# Metrologic Handscanner einrichten



## meilon (2. September 2006)

Hallo!
Ich habe im Vorbeigehen an einem Mülleimer einen uralten (Naja, 1997 ) Metrologic Handscanner (Bezeichnung MS951) gefunden. Da ich Bastler bin würd ich das Teil gerne verwenden. Das Kabel hatte am Ende einen RJ-45 Anschluss, andem wohl sowas wie ein Konverter für COM-Port/RS-232 steckte.

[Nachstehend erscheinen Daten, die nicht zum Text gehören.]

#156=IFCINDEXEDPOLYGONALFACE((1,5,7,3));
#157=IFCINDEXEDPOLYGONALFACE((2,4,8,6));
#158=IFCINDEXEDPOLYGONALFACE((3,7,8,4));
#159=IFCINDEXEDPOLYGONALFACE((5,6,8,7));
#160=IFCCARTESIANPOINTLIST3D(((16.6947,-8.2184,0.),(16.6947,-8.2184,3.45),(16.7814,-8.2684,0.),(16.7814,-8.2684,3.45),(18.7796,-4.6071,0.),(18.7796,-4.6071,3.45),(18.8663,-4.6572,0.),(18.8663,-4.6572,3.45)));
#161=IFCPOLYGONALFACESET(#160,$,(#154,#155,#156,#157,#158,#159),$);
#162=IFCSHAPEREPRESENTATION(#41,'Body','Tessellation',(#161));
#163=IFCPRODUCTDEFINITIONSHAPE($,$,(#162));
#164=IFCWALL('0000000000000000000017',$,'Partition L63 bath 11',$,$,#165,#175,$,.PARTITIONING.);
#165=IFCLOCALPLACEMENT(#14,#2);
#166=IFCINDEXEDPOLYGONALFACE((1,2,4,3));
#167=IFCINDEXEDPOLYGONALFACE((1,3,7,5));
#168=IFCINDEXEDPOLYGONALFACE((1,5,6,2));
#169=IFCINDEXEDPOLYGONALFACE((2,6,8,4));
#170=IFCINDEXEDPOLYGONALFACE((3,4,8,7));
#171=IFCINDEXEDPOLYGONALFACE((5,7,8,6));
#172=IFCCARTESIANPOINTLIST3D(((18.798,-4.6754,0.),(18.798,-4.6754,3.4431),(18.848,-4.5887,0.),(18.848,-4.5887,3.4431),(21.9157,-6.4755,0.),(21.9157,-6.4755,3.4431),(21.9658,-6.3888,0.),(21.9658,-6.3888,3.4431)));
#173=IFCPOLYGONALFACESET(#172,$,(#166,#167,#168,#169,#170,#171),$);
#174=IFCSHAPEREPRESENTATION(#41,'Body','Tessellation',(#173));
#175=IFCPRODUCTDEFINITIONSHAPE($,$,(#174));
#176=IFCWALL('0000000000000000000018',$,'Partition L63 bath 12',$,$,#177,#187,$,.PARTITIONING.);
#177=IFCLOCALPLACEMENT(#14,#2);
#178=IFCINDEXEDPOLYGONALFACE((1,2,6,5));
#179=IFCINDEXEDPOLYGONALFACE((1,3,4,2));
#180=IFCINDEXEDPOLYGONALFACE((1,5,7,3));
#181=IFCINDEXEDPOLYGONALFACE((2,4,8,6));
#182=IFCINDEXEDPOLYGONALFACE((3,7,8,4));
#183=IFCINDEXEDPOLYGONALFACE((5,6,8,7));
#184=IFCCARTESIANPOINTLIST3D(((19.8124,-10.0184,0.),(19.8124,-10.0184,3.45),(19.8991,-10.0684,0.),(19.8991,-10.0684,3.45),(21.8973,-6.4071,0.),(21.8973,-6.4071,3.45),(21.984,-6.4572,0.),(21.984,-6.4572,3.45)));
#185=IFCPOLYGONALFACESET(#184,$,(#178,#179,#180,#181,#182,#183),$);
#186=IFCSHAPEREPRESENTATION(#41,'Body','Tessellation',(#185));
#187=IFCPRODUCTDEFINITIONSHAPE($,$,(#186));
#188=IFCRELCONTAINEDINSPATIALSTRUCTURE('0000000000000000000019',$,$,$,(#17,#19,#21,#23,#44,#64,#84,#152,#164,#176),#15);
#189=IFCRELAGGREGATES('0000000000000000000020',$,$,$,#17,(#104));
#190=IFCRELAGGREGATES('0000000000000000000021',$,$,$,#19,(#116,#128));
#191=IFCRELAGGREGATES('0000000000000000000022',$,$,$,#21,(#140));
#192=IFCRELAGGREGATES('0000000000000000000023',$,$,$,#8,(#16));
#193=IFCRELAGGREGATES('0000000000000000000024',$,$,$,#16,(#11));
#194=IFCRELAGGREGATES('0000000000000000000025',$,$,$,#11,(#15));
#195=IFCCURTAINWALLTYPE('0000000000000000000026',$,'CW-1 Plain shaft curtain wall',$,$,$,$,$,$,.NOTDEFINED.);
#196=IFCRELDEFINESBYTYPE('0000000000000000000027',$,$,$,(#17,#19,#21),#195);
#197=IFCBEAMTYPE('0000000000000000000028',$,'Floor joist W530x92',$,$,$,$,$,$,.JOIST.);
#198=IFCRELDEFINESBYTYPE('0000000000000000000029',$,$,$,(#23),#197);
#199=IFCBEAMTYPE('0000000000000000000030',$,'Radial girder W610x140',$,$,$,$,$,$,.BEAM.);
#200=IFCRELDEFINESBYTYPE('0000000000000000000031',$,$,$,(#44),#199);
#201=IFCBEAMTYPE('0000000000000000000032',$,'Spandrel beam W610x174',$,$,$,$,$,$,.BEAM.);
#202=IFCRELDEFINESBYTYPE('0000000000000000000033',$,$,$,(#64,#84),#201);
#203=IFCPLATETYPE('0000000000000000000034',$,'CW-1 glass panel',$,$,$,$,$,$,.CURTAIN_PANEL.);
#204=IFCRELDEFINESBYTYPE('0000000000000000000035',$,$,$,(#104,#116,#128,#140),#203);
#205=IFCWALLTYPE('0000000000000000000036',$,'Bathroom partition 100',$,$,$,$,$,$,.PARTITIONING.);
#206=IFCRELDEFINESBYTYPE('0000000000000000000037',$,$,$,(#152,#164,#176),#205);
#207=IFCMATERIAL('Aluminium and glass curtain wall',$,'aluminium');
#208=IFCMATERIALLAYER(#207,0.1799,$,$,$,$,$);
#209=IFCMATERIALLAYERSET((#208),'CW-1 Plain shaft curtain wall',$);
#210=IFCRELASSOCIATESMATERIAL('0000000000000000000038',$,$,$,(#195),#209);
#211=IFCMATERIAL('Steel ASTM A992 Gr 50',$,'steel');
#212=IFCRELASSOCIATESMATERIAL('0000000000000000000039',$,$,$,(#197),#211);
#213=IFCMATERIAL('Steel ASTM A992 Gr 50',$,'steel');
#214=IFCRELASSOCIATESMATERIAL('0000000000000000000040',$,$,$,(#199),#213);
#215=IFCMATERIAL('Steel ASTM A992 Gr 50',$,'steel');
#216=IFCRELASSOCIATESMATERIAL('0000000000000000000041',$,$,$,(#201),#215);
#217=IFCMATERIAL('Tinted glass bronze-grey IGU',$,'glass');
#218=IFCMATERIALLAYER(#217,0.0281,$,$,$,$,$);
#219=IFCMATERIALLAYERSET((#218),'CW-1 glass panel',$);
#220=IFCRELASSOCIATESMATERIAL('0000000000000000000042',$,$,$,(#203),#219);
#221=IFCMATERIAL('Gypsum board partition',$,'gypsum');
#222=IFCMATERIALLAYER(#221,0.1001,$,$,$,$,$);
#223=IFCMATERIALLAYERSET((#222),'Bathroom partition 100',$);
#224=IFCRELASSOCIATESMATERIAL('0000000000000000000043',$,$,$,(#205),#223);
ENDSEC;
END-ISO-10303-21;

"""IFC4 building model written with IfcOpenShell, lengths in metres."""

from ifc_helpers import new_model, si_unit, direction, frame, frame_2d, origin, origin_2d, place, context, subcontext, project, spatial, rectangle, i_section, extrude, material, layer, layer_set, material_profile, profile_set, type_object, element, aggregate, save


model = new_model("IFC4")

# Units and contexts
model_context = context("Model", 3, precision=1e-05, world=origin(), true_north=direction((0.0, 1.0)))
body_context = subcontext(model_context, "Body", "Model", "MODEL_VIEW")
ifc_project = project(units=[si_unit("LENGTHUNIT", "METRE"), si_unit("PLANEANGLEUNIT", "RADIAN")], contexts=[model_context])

Weil ich es mit Software einfach nicht zum laufen bringen konnte, hab ich den RJ-45 Stecker abgeschnitten und dann mal mit 5V (stand auf dem Gerät) das Gerät befeuert. Und tadaa, es hat *Pieep* gemacht. Hab dann einen Barcode vor das Gerät gehalten und tadaa, es hat wieder *Pieep* gemacht. Also funktiniert das Gerät. Nur leider habe ich absolut keinen Plan von RS-232 und wie ich das Gerät jetzt an einem PC zum laufen bekomme. Wie finde ich raus, welches der restlichen 8 Kabel für die Barcode-Daten zuständig sind?

Der Scanner ist halt halt und ich finde kein Material mehr dazu!

-meilon


----------